Так как страх перед смертью всегда есть признак вялости вот-бытия, Ницше в противовес ему способен принять даже заурядное не-думание о смерти, легкомысленность в отношении неё — как будто её вовсе не будет. Смерть есть единственное определённое событие будущего, однако Ницше удивляется: «Как странно, что эта единственная достоверность и общность не имеет почти никакой власти над людьми», — хотя тем самым он не стремится кого-либо встряхнуть или о чём-либо напомнить: «Мне доставляет счастье», — пишет он, — «видеть, что люди совсем не желают думать о смерти! Я бы охотно добавил что-нибудь к этому, чтобы сделать им мысль о жизни ещё во сто крат достойнее размышления» (ВН, 625–626).

Превосходство над смертью обретает для Ницше свою подлинную действительность только в самоубийстве. Ницше на протяжении всей своей жизни восхвалял его как то, что достойно человека — добровольную (разумную) смерть перед недобровольной (естественной) (СЕТ, 342). «Надобно глупый физиологический факт обратить в моральную необходимость» (16, 315). Естественная смерть — это «смерть при презреннейших условиях, несвободная смерть, смерть невовремя, смерть труса. Следовало бы, из любви к жизни, желать иной смерти, свободной, сознательной, без случая, без неожиданности» (СИ, 611).

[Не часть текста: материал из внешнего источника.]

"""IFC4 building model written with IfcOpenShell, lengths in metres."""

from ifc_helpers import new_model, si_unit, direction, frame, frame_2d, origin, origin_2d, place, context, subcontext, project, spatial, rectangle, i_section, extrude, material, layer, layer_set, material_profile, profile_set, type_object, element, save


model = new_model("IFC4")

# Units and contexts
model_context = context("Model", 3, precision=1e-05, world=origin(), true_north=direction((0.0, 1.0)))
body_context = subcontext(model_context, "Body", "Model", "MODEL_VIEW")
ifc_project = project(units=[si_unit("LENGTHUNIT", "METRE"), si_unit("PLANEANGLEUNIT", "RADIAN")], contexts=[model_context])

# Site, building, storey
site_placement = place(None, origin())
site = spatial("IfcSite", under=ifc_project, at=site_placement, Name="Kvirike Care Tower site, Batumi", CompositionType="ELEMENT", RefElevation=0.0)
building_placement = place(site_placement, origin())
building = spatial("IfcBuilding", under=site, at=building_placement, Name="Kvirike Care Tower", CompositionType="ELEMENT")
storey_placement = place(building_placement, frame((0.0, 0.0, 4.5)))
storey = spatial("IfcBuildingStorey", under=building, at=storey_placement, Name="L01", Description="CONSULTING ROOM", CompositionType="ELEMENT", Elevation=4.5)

Почему у Ницше — как и в античной традиции, прежде всего в философии стоиков — находит выражение эта страсть к величию человека, совершающего самоубийство. Ницше тожеотделяет сущность человека, его сокровеннейшую самость, от его тела и его просто вот-бытия, «зерно» от «жалкой субстанции оболочки». В естественной смерти тело, «отсталый, часто больной и тупоумный тюремщик является распорядителем, назначающим срок, когда должен умереть его знатный узник. Естественная смерть — это самоубийство природы, т. е. уничтожение разумного существа неразумным» (СЕТ, 342). Ницше трансцендирует жизнь до чего-то большего-чем-жизнь, что эту жизнь судит, принимает или отрицает, но так, что это сокровеннейшее в человеке, его больше-чем-жизнь, само всё же мыслится как жизнь, как чистая имманентность, не как связанная с трансценденцией экзистенция. Такая жизнь, так как она ничего вне себя не имеет, не только даёт право, но и выступает с претензией на истинное суждение относительно целого своего вот-бытия и своих возможностей. Такое суждение должно касаться смысла жизни, оценивать, является ли она «творческой».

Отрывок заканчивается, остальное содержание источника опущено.